How To Grow Houseplants
You can literally bring your house to life with indoor plants. They are easy to grow and are a perfect way to bring the outdoors in and over the past few years there has been a huge resurgence in popularity of growing house plants.
They add texture and personality to a room and add life to “dead” spaces. Group different varieties together in planters and pots or add a pop of colour with a large, statement plant and pot. Houseplants also provide health benefits through improving indoor air quality
There are an enormous variety of plants that can be grown indoors. What remains critical to growing them successfully is choosing the right house plant for the particular area of the house you want to grow it.
Products to try:
Growing plants indoors is different from outdoor gardening. An inside environment varies considerably in temperature, humidity, and light.

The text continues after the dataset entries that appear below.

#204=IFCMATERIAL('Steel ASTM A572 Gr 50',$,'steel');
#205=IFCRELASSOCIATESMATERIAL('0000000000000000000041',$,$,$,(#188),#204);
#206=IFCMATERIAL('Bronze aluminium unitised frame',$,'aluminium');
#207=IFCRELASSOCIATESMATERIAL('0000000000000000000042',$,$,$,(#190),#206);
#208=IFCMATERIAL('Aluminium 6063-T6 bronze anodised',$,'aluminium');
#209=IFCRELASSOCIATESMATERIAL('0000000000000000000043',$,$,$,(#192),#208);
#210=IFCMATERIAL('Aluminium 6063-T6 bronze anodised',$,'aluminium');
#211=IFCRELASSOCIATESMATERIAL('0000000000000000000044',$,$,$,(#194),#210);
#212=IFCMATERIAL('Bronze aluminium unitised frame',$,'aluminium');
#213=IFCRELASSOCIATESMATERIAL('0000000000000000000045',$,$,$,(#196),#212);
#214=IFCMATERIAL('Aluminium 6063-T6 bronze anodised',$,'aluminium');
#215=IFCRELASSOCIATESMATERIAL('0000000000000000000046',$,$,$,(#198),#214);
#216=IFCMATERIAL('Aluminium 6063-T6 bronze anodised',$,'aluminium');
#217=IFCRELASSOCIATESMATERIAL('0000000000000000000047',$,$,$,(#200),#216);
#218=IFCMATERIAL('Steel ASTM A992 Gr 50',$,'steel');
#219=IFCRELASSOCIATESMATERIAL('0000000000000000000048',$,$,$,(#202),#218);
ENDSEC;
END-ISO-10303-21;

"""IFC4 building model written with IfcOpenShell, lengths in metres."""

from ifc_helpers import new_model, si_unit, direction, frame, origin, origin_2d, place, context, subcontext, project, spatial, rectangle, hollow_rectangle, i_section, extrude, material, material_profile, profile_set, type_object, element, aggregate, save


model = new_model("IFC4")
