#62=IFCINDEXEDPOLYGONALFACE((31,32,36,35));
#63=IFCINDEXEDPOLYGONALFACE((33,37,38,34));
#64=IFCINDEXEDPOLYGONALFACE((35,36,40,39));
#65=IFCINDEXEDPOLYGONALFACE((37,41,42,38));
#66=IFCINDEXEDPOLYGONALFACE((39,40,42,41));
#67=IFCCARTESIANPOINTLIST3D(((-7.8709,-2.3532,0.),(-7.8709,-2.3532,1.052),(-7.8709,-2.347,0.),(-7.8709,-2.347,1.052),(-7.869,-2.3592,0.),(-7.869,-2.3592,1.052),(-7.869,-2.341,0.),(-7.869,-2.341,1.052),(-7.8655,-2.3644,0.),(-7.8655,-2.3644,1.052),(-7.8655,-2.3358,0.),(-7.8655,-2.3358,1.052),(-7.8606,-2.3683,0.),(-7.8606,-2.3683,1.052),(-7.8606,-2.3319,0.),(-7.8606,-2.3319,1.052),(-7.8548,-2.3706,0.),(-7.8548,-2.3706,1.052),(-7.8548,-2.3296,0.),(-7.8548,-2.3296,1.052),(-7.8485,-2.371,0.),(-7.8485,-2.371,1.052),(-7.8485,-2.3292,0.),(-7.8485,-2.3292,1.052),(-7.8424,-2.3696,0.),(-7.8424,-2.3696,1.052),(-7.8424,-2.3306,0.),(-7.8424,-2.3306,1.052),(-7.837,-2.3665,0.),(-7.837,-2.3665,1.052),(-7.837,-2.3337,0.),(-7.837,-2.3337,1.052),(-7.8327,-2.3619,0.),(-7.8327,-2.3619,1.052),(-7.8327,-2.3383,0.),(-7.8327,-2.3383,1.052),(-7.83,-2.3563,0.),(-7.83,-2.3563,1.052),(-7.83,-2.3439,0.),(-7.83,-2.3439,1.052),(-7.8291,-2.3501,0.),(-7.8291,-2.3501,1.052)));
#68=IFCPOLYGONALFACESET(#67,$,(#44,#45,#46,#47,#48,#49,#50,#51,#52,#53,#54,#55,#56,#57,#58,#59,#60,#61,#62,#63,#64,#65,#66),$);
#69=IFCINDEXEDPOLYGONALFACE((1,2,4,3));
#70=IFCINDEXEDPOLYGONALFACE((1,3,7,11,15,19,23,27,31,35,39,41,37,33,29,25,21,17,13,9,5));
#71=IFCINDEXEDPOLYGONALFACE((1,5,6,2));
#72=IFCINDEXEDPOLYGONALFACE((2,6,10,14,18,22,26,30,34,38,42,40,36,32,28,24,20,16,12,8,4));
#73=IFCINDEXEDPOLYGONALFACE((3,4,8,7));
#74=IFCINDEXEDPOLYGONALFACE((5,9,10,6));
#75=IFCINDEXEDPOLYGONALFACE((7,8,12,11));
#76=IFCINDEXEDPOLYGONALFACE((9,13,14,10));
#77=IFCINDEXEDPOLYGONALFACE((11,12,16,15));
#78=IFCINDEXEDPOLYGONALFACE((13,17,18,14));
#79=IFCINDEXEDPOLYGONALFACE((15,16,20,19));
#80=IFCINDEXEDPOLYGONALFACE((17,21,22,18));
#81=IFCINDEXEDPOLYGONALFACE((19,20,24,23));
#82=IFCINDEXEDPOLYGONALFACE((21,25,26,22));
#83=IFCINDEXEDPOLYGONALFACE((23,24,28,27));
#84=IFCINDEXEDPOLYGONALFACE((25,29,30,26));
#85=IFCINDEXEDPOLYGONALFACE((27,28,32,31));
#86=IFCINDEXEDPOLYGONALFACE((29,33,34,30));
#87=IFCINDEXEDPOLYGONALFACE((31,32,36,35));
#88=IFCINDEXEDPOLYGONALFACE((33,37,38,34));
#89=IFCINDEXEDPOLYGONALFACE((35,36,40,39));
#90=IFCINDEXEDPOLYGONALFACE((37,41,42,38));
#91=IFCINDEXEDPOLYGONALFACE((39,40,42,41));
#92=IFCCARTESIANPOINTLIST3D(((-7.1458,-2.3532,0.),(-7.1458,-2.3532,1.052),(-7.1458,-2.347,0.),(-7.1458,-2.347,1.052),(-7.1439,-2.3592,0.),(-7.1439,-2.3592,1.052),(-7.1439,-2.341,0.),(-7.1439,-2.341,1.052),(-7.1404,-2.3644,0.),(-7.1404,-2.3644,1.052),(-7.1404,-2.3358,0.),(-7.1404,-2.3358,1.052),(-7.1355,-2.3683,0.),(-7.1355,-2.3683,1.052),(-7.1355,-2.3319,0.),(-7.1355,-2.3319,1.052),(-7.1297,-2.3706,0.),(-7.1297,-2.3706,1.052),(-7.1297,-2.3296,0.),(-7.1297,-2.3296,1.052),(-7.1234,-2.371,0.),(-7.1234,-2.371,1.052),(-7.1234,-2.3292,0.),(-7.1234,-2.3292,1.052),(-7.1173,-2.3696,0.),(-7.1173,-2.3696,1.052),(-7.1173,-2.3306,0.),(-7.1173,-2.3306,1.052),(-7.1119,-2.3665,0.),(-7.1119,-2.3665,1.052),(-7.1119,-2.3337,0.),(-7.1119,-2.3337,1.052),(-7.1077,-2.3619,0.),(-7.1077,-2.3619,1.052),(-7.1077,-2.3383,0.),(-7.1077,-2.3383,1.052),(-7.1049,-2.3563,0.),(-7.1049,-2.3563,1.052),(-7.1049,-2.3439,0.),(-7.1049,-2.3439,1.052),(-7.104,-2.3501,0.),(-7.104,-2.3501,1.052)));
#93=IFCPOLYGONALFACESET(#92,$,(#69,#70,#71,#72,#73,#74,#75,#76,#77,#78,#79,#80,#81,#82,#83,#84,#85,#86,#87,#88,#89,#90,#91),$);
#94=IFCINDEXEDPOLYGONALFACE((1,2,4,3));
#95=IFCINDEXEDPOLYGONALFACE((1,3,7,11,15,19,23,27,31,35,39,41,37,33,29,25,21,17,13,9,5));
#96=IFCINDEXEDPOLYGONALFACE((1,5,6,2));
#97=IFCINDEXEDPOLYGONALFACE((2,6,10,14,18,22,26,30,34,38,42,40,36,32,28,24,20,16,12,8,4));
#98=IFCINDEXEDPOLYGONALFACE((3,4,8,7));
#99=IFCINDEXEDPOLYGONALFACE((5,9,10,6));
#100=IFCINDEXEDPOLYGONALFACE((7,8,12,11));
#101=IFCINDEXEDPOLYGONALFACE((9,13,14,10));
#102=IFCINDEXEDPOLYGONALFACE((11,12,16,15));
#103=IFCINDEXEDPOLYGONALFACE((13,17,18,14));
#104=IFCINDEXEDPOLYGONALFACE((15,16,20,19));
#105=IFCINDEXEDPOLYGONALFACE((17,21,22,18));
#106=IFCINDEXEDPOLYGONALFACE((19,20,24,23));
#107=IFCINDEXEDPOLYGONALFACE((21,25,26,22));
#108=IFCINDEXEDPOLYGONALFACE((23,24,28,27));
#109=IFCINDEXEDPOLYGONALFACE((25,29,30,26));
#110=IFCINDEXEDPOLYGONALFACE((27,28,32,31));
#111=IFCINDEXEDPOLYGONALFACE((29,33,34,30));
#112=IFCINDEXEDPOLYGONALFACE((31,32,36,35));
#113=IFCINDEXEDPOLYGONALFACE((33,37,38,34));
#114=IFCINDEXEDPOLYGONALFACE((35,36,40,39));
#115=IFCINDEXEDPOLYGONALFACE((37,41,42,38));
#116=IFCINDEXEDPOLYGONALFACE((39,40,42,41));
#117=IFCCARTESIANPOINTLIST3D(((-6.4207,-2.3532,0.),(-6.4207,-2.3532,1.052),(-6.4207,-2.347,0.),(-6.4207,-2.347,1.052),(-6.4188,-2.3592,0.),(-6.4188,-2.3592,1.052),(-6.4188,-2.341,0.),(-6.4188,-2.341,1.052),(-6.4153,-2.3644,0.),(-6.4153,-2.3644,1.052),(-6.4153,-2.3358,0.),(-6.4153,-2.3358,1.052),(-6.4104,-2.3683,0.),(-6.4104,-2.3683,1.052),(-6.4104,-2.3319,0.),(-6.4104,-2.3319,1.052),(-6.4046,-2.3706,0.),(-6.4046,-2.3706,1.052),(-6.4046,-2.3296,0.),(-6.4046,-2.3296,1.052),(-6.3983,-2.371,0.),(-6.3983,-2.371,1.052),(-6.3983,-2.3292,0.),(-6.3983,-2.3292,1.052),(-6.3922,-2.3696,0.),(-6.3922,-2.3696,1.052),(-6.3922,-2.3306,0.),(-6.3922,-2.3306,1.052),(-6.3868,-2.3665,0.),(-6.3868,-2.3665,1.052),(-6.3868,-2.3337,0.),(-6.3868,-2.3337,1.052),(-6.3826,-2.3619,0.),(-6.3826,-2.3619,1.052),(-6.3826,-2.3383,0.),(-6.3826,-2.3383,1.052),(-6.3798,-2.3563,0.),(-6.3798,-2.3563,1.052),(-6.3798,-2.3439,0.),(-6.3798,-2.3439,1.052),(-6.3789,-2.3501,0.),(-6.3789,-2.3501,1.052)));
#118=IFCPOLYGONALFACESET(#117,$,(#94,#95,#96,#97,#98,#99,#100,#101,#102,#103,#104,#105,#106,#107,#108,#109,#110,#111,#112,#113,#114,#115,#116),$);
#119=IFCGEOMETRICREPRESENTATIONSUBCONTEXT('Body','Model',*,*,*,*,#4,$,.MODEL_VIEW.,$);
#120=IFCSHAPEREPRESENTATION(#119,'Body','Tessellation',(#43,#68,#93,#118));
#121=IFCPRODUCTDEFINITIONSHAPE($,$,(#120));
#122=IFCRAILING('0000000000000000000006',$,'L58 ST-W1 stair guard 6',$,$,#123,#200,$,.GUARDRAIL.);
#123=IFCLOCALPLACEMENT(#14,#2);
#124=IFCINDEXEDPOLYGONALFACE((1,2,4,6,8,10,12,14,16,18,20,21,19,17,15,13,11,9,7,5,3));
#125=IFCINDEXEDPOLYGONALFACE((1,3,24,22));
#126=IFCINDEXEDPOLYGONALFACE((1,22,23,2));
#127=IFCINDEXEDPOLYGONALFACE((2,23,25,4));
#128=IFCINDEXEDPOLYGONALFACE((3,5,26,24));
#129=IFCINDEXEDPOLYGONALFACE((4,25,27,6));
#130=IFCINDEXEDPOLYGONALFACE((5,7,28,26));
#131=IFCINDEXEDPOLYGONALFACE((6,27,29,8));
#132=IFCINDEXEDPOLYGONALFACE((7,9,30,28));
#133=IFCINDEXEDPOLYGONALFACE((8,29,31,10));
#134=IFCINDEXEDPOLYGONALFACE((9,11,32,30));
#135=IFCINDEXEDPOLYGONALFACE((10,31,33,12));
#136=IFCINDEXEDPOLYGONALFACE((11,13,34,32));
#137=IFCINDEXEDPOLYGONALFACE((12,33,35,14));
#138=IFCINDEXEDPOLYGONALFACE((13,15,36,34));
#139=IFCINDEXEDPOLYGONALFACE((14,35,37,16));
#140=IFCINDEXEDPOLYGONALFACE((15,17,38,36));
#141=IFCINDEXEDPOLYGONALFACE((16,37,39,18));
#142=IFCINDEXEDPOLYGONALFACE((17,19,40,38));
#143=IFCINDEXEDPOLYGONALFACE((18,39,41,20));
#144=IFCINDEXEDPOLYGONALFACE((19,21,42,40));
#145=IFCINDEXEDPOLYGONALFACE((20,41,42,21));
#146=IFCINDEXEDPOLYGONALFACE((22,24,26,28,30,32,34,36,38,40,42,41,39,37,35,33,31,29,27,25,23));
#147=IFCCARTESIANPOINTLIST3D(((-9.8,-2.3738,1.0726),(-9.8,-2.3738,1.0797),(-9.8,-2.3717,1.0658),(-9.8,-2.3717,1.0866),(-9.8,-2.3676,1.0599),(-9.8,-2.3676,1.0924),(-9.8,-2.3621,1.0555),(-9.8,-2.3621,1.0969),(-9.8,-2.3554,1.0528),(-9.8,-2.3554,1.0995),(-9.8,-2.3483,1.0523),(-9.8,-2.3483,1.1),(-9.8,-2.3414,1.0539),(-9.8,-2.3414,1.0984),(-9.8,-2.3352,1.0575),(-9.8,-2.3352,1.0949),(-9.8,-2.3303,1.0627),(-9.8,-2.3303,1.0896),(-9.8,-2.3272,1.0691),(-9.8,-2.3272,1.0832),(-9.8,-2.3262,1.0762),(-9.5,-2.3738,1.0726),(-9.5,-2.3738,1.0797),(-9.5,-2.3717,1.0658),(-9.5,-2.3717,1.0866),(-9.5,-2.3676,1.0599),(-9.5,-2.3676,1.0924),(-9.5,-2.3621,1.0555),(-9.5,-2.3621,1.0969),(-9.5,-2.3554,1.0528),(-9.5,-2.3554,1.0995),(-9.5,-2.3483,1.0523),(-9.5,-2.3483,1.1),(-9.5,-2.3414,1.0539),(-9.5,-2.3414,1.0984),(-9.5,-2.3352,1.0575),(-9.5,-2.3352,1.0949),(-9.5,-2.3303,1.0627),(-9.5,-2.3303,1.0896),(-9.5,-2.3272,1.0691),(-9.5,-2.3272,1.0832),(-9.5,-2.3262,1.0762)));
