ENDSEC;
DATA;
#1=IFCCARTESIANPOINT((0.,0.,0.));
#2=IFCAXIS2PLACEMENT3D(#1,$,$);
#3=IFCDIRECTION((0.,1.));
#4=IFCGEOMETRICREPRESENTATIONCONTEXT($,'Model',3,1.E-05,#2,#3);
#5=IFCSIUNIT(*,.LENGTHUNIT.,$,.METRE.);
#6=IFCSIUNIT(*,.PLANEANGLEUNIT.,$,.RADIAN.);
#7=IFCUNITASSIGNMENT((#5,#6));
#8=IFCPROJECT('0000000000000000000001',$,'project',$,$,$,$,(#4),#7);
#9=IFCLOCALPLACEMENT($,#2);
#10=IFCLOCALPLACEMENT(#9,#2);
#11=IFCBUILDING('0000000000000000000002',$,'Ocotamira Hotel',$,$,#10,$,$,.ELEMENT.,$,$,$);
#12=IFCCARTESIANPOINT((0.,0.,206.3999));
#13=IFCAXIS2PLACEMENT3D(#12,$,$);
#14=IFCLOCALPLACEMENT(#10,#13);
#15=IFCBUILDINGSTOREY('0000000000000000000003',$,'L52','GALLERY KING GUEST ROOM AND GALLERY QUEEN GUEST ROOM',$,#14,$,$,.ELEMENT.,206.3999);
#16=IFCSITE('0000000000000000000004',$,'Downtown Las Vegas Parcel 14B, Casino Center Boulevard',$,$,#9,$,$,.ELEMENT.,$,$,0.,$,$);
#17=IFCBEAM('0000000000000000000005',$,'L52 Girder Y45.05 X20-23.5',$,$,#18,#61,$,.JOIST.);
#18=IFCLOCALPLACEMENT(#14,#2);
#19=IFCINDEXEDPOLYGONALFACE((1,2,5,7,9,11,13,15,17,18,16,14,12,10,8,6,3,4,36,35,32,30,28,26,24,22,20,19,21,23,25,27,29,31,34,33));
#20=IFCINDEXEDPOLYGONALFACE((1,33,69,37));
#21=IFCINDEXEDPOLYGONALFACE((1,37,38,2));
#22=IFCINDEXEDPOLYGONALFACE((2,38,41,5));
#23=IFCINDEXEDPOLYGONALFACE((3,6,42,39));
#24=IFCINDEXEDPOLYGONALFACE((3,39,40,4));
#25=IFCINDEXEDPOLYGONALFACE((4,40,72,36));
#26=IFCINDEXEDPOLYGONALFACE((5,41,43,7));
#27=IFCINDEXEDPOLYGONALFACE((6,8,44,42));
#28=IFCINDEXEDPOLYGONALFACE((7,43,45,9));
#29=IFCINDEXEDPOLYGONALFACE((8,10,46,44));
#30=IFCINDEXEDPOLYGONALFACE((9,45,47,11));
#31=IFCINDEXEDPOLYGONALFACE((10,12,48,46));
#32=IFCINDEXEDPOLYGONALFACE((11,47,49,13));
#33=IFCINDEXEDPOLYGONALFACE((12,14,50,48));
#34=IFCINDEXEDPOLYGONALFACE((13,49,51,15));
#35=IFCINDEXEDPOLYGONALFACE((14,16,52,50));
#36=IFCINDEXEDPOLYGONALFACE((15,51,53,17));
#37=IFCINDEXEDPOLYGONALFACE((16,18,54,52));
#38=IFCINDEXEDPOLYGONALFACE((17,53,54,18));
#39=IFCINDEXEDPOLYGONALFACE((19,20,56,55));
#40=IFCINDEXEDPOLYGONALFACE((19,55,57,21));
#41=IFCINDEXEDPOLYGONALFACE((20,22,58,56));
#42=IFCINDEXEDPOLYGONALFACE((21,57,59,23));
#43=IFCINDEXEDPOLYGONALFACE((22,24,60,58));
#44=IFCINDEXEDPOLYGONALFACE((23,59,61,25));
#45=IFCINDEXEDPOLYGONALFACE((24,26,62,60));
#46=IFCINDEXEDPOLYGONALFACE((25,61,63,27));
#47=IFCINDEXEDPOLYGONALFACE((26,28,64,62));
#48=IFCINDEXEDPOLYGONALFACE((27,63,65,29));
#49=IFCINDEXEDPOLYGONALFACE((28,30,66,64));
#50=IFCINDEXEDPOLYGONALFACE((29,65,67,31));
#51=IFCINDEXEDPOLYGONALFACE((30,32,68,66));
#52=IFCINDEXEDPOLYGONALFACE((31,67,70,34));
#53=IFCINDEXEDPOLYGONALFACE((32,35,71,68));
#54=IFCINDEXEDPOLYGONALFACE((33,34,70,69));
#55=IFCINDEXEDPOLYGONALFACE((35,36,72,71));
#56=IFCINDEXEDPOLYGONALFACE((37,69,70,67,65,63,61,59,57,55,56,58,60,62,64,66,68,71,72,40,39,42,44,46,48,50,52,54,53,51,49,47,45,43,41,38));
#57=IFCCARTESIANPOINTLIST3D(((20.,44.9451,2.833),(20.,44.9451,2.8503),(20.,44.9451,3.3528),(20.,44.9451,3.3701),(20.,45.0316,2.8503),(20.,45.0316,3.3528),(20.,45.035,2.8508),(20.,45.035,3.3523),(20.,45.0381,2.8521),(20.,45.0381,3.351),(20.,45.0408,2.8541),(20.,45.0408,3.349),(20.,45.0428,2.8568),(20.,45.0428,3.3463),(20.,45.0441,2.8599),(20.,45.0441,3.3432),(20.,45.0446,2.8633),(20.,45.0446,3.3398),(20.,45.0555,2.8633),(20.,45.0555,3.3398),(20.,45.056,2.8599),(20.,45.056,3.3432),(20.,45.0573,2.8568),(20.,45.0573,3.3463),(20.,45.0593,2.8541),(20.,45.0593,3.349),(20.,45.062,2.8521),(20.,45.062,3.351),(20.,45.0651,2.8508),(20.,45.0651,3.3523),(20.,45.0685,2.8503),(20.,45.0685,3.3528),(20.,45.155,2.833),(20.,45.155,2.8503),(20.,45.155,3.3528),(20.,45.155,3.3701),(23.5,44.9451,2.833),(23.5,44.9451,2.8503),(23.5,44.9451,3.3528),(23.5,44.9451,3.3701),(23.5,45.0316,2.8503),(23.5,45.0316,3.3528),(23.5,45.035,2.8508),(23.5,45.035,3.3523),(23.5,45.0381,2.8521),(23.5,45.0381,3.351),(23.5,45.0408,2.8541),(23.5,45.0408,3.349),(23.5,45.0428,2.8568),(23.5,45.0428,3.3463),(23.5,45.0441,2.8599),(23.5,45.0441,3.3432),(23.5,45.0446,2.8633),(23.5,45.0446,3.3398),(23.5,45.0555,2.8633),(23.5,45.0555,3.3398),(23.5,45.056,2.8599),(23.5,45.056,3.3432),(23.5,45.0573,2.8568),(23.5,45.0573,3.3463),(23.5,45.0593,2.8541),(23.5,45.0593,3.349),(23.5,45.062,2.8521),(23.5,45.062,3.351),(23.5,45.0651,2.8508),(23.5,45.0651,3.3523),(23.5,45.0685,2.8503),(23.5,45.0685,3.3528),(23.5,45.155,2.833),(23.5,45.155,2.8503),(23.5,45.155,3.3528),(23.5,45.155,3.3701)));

In many homes, the temperature not only varies during the seasons but also varies considerably during the day and night.
Windowsills can become very cold overnight, particularly in winter so move plants away, especially if you live in colder climates. Also avoid placing plants near cold drafts or heat sources such as heat pumps.
Warmer house temperatures are required for the more tropical house plants, like Monstera deliciosa that may need to be moved to warmer parts of the house over the colder months.
Although modern heating provides greater scope for growing many indoor plants, it does dry the atmosphere. This is most noticeable near heating sources like heat pumps etc. Indoor plants should be positioned away from such areas.
All houseplants prefer to grow in relatively high humidity (amount of water vapour in the air) so it is important to mist the foliage (leaves) regularly with lukewarm water.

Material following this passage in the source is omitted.